Constructor method to initialize the ElasticsearchLLMCache instance.

  • es_client (Elasticsearch): Elasticsearch client object.
  • index_name (str, optional): Name for the index; defaults to 'llm_cache'.
  • es_model_id (str, optional): Model ID for text embedding; defaults to 'sentence-transformers__all-distilroberta-v1'.
  • create_index (bool, optional): Whether to create a new index; defaults to True.

create_index(self, dims: Optional[int] = 768) -> Dict

Method to create a new index for caching if it does not already exist.

  • dims (int, optional): The dimensionality of the vector; defaults to 768.

Returns:

  • Dictionary containing information about index creation.

Mapping:

  • prompt: text
  • response: text
  • create_date: date
  • last_hit_date: date
  • prompt_vector: dense_vector

query(self, prompt_text: str, similarity_threshold: Optional[float] = 0.5) -> dict

Method to query the index to find similar prompts and update the last_hit_date for that document if a hit is found.

  • prompt_text (str): The text of the prompt to find similar entries for.
  • similarity_threshold (float, optional): The similarity threshold for filtering results; defaults to 0.5.

Returns:

  • A dictionary containing the hits or an empty dictionary if no hits are found.

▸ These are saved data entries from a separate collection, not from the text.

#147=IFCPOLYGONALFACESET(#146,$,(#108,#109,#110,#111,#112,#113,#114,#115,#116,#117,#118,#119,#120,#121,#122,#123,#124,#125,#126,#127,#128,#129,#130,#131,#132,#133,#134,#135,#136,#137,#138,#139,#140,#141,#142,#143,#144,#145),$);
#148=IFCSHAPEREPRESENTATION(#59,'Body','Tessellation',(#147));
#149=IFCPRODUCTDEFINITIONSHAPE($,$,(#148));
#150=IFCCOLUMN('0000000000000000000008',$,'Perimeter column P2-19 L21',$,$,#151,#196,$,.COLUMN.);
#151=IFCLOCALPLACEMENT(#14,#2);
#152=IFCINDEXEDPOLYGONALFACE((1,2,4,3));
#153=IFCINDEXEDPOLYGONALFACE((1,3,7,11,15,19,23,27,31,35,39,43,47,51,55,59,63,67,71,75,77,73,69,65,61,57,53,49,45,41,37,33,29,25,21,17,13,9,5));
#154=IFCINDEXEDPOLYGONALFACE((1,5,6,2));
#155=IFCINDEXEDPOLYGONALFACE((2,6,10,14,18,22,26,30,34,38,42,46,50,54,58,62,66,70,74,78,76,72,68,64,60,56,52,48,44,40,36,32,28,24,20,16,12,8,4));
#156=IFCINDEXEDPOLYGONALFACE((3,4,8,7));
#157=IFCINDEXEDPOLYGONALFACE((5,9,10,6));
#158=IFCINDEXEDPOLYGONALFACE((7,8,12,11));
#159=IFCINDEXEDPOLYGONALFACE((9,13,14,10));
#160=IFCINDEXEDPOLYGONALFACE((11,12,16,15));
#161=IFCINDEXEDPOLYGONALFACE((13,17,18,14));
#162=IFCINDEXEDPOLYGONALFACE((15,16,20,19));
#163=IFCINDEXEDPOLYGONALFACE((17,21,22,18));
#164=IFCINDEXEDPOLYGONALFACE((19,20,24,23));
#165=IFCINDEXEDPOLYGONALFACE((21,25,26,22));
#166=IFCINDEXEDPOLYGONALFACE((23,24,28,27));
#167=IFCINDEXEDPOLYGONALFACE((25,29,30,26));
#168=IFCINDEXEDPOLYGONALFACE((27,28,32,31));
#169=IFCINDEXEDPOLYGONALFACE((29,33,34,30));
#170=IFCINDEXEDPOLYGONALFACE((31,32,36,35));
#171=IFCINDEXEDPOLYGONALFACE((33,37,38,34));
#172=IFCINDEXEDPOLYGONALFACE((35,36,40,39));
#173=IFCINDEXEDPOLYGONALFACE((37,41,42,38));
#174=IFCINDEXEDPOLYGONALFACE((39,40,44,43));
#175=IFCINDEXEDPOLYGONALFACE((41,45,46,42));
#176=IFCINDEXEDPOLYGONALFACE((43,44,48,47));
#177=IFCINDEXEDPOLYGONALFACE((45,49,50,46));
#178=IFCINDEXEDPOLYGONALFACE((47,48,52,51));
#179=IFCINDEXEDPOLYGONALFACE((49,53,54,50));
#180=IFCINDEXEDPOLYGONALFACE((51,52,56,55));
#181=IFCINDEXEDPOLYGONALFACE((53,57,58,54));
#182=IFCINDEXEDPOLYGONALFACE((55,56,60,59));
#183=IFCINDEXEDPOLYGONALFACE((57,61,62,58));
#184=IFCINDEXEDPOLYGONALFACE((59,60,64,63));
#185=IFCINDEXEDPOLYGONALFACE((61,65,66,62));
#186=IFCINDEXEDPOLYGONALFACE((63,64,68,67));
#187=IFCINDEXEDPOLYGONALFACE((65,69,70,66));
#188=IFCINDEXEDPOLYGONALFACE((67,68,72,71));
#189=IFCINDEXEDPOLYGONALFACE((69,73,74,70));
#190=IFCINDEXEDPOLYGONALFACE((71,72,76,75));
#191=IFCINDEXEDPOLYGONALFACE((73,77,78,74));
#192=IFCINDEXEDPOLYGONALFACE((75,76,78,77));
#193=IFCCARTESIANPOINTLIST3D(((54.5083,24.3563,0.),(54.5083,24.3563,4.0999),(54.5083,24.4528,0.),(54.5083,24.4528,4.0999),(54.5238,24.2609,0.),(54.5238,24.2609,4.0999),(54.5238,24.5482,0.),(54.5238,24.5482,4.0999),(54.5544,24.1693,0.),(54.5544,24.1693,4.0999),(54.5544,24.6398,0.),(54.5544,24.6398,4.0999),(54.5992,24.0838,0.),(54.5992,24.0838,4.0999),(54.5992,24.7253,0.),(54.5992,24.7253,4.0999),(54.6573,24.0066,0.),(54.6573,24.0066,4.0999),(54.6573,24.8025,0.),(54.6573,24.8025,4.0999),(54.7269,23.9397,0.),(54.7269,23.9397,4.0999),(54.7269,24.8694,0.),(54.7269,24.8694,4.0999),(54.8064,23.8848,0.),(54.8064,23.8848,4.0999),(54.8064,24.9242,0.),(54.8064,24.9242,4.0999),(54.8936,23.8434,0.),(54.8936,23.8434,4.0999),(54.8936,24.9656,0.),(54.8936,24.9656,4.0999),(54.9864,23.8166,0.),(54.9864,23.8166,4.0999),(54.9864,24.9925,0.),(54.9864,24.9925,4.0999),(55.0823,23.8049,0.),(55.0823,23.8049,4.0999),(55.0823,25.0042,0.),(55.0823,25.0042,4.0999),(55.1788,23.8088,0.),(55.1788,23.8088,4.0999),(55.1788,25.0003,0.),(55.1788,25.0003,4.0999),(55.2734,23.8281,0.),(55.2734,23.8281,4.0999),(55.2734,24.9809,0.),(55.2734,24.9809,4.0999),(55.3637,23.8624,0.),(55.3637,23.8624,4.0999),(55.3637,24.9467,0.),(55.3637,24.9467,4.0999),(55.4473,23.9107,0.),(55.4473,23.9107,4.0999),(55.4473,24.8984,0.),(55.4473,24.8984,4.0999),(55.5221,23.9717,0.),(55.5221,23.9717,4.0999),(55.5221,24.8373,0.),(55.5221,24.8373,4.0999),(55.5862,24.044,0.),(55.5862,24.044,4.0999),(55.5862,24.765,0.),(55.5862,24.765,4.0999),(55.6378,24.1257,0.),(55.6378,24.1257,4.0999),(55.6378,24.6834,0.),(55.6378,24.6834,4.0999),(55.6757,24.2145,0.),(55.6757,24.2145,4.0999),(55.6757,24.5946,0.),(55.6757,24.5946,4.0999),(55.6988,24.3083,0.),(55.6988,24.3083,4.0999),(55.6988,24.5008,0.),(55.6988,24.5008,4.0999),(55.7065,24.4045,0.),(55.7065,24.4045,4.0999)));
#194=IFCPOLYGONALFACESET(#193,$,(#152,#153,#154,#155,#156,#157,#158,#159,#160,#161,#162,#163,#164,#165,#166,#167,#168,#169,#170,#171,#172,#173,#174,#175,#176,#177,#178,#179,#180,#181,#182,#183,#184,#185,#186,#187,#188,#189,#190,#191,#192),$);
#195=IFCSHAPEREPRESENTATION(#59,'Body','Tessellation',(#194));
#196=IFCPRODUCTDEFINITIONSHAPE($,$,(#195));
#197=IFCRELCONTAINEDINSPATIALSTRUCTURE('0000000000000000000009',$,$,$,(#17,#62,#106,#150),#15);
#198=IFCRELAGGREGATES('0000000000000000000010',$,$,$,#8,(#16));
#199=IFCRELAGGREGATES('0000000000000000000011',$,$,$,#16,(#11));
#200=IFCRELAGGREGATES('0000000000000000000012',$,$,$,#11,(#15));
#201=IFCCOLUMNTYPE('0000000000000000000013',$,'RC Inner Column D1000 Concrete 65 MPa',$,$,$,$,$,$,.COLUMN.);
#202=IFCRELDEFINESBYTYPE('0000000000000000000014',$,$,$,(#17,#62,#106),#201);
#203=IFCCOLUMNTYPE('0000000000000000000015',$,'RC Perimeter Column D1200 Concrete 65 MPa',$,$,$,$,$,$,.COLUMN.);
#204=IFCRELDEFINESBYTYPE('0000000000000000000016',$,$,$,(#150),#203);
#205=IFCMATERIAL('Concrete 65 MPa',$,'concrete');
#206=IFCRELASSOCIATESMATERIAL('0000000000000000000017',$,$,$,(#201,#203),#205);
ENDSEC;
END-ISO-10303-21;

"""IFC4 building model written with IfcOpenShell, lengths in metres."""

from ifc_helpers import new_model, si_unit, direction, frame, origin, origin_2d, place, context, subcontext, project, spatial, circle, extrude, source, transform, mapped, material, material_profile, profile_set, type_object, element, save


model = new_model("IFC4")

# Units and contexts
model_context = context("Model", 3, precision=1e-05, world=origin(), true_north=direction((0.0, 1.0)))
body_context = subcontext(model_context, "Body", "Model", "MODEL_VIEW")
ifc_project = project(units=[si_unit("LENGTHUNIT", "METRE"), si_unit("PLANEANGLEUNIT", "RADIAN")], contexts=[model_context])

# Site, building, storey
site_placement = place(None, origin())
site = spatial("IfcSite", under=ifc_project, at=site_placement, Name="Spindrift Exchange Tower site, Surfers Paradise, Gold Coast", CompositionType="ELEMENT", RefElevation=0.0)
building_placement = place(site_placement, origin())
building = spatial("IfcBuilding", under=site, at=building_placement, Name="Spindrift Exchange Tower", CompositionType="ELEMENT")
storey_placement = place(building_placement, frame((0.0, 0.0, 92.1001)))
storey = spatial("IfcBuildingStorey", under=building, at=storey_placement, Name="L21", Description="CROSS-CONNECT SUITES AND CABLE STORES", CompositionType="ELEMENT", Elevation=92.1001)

add(self, prompt: str, response: str, source: Optional[str] = None) -> dict

Method to add a new document to the index when there is no cache hit and a response is fetched from LLM.

  • prompt (str): The user prompt.
  • response (str): The LLM response.
  • source (str, optional): Source identifier for the LLM.

Returns:

  • A dictionary indicating the successful caching of the new prompt and response.

Example Usage

from elasticsearch import Elasticsearch
from elasticsearch_llm_cache.elasticsearch_llm_cache import ElasticsearchLLMCache

# Initialize Elasticsearch client
es_client = Elasticsearch()

# Initialize Elasticsearch LLM Cache
llm_cache = ElasticsearchLLMCache(es_client)

# Query the cache
cache_response = llm_cache.query(prompt_text="Hello, how can I help?")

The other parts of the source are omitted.